Chemical Engineering Journal, Vol.334, 1108-1118, 2018
Antibacterial surfaces prepared by electrospray coating of photocatalytic nanoparticles
The aim of this work was to use electrospray to create photocatalytic TiO2 coatings and to study their antibacterial and antibiofilm capacity. The electrospray used a sol of TiO2 anatase nanoparticles prepared by a sol-gel method, which formed stable suspensions of positively charged particles (zeta-potential + 22.3 +/- 3.7 mV). The electrospray deposited TiO2 on non-porous glass surfaces at two loading densities originating homogeneous coatings (3.2-4.3 mu m) of particles the top layer of which displayed aggregates ranging from the micron scale to a few hundreds of nanometers, with lower size as TiO2 loading increased. TiO2-functionalized surfaces were tested for the inactivation of the Gram-positive bacterium Staphylococcus aureus.
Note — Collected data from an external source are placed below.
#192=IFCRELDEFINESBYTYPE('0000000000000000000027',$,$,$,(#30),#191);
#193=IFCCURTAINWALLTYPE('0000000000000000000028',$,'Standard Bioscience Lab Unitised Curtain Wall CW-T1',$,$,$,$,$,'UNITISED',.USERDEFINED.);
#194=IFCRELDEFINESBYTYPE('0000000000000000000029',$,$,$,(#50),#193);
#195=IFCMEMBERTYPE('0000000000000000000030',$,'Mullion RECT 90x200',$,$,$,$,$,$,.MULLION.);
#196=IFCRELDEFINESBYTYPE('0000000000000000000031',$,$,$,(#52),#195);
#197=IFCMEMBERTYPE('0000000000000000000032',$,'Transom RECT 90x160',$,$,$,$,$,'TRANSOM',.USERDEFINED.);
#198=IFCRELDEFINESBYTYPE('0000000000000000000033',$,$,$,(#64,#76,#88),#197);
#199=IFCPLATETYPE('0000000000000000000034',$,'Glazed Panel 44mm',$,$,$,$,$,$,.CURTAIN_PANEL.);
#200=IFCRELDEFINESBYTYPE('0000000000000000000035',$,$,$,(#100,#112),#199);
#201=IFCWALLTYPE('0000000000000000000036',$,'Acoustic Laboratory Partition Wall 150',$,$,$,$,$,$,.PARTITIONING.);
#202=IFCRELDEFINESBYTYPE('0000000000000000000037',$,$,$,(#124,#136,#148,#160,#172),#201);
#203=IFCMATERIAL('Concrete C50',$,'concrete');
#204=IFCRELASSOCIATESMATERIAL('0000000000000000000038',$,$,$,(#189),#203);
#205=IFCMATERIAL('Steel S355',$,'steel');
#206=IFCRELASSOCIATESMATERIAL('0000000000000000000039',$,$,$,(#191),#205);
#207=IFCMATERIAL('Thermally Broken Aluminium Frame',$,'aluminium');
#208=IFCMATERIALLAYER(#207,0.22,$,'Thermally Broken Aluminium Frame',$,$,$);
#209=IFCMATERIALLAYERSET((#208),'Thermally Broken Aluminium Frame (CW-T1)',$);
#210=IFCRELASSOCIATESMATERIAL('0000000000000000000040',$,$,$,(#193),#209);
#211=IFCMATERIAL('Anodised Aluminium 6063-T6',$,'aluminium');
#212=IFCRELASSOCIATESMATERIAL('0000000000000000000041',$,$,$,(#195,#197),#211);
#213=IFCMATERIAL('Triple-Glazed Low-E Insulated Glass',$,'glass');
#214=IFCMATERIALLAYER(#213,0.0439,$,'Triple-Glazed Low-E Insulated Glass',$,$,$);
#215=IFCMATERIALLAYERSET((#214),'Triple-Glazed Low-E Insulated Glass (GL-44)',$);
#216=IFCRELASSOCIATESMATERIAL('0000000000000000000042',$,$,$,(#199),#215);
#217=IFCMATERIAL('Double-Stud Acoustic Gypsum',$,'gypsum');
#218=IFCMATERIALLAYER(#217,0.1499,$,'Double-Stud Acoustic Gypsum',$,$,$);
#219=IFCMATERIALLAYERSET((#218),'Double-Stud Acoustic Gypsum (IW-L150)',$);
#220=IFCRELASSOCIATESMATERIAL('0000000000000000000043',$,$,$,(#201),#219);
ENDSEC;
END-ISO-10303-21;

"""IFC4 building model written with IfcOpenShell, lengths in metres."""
The electrosprayed surface was moderately hydrophilic turning highly hydrophilic upon irradiation (water contact angle 9.6 degrees after 15 h under Xe-arc lamp). photocatalytic surfaces were put in contact with exponentially growing bacterial cultures in a flow system in which solar simulated irradiation followed two different 24 h dark-light arrangements with 9 or 18 h dark exposure followed by 15 or 6 h irradiation. The electrosprayed surfaces experienced extensive colonization by viable bacteria and clear biofilm formation revealed by exopolysaccharide matrix visualization. Using both dark-light cycles all cells became non-viable with extensive membrane damage. Biofilm matrix measurements showed that the irradiated surfaces were essentially free of bacterial exopolysaccharide matrix for specimens with the higher TiO2 loading density. The biofilm removal reached 99% and no regrowth of viable cells was observed in any case. The results showed that TiO2-electrospray can avoid biofilm accumulation under stringent environmental conditions.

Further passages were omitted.